Does anyone know of a similarly simple explanation of how much energy a vehicle must use relative to it's weight?
To go from point a to point b at a cruising speed of v, you need to speed up to v, maintain v, and brake to a complete stop. Analyze each separately:
1. Speeding up. Since this takes so little distance (compared to the total length), let's ignore resistance. This speedup takes KE = ½·m·v² of energy to do.
2. Maintain speed. This means spending energy to resist air friction (drag) and ground friction. Drag is ½·ρ·v²·Cd·A [0]; friction is (at most) μ·m·g. Energy is force × distance, and since the distance at top speed is effectively constant, it's going to be O(m + v²) in this case. [1]
3. Braking. You can theoretically recover -½·m·v² here, but most of the energy is going to be lost to heat.
So, when you sum these up, the energy it takes to drive a vehicle a certain distance is linear in mass and quadratic in speed.
[0] The drag coefficient, Cd, is really weird. At low speeds, it's actually proportional to 1/v instead of a constant (i.e., drag is linear in velocity, not quadratic).
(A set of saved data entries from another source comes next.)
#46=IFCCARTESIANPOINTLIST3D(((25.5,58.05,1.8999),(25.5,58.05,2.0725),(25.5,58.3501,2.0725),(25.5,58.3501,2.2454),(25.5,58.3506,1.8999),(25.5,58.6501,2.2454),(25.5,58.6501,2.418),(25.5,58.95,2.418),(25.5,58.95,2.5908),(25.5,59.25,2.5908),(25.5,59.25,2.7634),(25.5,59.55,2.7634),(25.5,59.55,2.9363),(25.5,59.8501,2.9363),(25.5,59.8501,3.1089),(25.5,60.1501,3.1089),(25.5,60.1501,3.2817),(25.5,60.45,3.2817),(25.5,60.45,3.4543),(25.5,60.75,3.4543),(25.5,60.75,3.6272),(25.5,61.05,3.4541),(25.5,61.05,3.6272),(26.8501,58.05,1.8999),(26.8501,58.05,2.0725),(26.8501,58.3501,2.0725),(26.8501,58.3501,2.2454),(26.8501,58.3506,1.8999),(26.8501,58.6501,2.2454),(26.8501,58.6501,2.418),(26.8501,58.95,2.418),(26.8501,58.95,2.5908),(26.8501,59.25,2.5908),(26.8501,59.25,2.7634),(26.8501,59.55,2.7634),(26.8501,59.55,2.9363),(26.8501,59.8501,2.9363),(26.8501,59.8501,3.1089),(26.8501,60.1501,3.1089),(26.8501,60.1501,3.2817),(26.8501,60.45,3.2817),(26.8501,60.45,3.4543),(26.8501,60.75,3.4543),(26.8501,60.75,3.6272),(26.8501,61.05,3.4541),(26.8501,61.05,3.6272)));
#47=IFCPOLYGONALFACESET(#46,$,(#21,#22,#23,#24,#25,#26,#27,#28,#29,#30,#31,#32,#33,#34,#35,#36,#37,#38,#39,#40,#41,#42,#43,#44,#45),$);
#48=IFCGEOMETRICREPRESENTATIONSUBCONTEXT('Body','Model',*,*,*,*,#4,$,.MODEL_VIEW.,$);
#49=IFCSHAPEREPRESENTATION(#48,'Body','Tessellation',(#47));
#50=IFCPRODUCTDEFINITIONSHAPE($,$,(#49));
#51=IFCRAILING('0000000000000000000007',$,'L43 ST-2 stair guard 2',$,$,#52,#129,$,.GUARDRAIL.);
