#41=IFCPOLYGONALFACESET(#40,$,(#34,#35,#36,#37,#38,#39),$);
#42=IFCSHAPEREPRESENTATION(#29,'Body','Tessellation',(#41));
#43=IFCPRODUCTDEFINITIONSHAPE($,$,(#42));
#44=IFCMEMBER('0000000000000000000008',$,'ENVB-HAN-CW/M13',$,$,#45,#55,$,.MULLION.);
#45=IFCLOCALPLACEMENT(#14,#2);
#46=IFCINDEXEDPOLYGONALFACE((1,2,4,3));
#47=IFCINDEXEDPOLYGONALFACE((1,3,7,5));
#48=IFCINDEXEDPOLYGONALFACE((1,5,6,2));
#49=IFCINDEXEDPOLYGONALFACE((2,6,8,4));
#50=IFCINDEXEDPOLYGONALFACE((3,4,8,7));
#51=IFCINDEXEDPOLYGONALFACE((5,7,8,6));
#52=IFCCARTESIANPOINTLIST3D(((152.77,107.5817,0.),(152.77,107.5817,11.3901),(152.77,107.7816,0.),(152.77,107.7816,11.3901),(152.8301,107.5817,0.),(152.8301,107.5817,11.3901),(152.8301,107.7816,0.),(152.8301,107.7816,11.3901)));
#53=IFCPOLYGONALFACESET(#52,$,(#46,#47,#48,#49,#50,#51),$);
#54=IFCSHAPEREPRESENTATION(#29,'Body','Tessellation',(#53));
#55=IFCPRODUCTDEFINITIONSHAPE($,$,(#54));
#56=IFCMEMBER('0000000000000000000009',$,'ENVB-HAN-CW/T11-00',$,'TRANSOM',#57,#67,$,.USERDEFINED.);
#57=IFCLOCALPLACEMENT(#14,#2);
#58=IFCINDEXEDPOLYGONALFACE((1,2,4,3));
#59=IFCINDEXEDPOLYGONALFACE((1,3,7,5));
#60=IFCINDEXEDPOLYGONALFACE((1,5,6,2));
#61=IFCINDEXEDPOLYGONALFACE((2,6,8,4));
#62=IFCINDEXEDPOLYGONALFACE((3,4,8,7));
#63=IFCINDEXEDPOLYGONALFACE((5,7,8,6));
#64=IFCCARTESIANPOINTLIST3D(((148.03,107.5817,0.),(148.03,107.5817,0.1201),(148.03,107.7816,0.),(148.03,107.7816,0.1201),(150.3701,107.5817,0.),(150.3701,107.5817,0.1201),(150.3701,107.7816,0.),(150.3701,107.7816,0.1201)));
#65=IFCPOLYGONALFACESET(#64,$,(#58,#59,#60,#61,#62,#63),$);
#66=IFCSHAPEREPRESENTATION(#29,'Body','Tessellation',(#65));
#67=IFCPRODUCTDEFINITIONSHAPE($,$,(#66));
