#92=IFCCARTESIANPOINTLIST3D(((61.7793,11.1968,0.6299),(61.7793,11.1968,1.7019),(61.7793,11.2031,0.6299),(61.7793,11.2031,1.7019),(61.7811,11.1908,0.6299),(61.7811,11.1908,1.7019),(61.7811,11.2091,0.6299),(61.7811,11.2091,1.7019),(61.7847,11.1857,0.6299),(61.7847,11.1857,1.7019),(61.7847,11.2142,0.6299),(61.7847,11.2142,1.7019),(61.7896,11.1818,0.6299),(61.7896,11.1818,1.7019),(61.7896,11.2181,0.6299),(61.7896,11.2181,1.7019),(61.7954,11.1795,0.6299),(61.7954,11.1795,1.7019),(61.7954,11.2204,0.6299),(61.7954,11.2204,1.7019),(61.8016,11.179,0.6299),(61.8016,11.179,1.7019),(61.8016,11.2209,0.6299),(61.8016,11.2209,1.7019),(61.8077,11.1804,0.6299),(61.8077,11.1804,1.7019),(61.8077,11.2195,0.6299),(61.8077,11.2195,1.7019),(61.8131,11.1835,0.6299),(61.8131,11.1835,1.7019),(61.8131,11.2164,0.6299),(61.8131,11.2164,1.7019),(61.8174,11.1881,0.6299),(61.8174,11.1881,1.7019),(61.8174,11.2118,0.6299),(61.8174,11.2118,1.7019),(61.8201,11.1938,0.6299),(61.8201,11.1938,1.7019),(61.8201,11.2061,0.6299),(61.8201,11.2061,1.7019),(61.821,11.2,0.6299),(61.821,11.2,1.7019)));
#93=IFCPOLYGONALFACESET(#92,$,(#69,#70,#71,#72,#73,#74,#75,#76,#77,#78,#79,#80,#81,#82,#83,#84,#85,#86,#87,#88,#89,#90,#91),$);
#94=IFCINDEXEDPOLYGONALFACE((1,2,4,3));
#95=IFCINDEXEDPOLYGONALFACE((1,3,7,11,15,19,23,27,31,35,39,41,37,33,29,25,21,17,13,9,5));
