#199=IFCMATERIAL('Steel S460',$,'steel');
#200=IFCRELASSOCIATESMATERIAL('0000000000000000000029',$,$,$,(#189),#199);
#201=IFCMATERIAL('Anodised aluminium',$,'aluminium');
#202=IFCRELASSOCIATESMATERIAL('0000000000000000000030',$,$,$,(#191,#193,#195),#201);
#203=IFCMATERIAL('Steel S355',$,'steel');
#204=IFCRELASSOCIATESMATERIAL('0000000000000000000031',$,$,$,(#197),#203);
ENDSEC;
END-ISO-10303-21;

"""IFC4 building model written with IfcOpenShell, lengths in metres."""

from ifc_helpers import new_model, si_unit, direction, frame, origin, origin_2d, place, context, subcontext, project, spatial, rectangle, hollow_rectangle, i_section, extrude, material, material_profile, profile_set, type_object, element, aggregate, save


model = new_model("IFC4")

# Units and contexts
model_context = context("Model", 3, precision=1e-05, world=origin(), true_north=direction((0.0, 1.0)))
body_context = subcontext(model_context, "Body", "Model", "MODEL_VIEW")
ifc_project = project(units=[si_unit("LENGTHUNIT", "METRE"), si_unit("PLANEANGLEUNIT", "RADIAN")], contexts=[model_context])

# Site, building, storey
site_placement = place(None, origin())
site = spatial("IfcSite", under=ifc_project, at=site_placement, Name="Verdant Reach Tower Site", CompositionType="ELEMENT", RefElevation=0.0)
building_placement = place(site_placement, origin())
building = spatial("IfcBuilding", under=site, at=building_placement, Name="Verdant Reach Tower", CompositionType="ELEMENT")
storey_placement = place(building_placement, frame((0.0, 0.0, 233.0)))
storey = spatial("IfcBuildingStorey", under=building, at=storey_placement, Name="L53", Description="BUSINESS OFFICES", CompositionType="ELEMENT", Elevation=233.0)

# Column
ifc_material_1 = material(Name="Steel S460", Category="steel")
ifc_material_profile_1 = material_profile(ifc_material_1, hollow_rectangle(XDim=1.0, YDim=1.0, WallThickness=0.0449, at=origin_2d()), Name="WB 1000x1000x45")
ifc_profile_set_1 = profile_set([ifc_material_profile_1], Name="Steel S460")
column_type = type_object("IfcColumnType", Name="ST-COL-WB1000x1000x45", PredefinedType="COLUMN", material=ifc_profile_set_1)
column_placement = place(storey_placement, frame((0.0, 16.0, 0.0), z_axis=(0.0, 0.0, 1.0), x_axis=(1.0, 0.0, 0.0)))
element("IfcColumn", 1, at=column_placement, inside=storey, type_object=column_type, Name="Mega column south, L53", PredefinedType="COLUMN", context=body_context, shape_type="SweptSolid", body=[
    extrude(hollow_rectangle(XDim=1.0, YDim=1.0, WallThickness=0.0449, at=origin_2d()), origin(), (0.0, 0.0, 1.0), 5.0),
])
[1] Yeah, the article says that energy is proportional to v³. It's actually wrong--the power is proportional to v³. Whether or not the total energy is proportional to v³ or v² depends on what you hold constant: if you hold total time constant, it's v³, but if you hold distance, it's v².
This doesn't change the conclusion; you still end up with a low spot on the graph. It is just that the graph looks more like a parabola.
1) reduce weight (fuselage, engine, wings, have the passengers diet first, ...) 2) increase engine fuel efficiency, displace more air for fewer hydrocarbons 3) (in the article) reduce drag on surfaces that don't generate lift 4) lower cross section (a longer, thinner tube), of course, still needs structural soundness
The lower cross section would have the additional advantage that it would make the plane fly faster.
So in a way, the article is "wrong". You can make a faster plane, assuming you can solve all the issues that the obvious modifications bring : longer, thinner and lighter fuselage and wings, combined with similar efficiency engines (of course they'd have to have that similar efficiency at higher speeds).
Another way would be to fly (much) higher. But then the cost of climbing high would start to offset the gains from flying faster.
They did with limited success. https://en.wikipedia.org/wiki/Concorde
You can't fit enough people in first or business class to fill a plane on most routes, and you simply can't go fast enough to make speed premiums really worth it. Note that going to an airport usually requires on the order of 2 hours of hassle before accounting for flight time, which means that you've already lost a day of work in practice. No, unless it's a long-haul flight, there's little benefit to faster speeds, and the Concorde was never really profitable.
Personally, I think they're facets of the same thing, but I don't know anything about it. Beyond that the piece seemed a bit of a mess to me. The content has not aged well. I usually expect Wired to do a better job of conserving the state of what they publish.
Should be something like "Can We Build a More Efficient Airplane? Not Really, Says Physics", not "Why Cant Commercial Airplanes Go Faster?"